As to your first question, about who owns the Dragonlance intellectual property, that appears to have always been Wizards of the Coast. According to a Q&A on the website of Tracy Hickman, the co-author of the core trilogy:
We were not unique in this: everyone working at the company at the
time was under similar constrictions. We were being paid to create and
play games and it was a condition of that employment that we hand over
our rights to our creations. Those rights were sold as part of the
purchase of TSR, Inc. by Wizards of the Coast and then subsequently
owned by Hasbro when they acquired the company as a subsidiary.
As to your second question, regarding a court battle between Weis and WotC, I was unable to find any mention of such a case. The closest I found was the following paragraph from this article on Dragonlance on WotC's D&D website:
Wizards continued to publish Dragonlance novels throughout the ‘00s, but they opted not to release additional gaming books. Instead, they licensed those rights out to Weis’s own company, Margaret Weis Productions (originally: Sovereign Press). The result was the most prolific period of Dragonlance publication since the early ‘90s.

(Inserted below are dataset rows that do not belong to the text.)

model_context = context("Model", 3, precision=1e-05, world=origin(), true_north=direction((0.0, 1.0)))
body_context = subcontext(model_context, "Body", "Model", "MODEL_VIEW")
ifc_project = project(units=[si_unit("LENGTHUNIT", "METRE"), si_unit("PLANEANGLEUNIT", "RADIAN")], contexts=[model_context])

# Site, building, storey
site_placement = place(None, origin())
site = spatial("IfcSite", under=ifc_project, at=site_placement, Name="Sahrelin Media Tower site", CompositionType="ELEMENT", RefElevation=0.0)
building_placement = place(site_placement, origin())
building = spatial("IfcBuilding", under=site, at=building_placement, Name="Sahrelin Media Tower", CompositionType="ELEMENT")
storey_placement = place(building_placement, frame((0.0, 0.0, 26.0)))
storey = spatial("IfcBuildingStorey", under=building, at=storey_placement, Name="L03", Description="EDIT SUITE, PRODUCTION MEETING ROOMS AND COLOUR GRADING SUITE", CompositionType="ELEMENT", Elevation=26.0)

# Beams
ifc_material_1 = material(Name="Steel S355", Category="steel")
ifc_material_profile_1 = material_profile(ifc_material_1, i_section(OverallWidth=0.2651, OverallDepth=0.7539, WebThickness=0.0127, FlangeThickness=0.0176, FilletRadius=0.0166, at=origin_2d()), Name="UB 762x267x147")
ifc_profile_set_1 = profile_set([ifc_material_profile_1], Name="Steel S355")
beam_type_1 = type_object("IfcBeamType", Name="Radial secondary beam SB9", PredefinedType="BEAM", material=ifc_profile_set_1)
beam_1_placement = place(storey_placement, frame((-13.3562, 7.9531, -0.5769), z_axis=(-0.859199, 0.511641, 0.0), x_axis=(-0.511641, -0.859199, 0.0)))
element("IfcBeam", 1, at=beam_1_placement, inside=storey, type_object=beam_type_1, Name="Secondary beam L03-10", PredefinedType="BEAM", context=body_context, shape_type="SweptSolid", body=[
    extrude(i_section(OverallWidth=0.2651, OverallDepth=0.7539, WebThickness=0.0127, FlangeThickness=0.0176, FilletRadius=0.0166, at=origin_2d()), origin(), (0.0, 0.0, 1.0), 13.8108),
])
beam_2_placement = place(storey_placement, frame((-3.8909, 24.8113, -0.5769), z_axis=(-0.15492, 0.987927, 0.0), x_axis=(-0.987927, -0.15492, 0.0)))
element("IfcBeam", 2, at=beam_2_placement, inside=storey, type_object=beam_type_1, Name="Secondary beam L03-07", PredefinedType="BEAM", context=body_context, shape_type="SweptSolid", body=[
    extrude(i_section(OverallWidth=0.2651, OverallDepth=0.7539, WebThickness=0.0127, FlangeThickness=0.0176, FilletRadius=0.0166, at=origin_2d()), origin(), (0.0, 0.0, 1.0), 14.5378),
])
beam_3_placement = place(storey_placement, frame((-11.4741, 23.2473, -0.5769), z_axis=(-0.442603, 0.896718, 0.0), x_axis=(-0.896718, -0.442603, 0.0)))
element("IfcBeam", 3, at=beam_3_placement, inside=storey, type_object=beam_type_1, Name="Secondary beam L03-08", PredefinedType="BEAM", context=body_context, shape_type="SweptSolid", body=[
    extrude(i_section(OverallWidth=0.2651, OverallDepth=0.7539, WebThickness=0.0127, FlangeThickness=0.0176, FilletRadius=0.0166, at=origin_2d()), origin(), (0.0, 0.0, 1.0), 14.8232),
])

According to this archived post by Jamie Chambers on Dragonlance.com from January 31, 2008, those licensing rights reverted to Wizards of the Coast in 2008.
Update: As V2Blast points out in a comment below, it does appear that Hickman and Weis sued Wizards of the Coast for breach of contract by denying to give contractually obligated feedback. The filing can be read on document cloud and scribd. In December of 2020, they dismissed their lawsuit. In January of 2021, a new trilogy of classic Dragonlance novels was announced.
Update 2: In April of 2022, WotC announced a new Dragonlance adventure book. Margaret Weis has said on social media that she was not involved.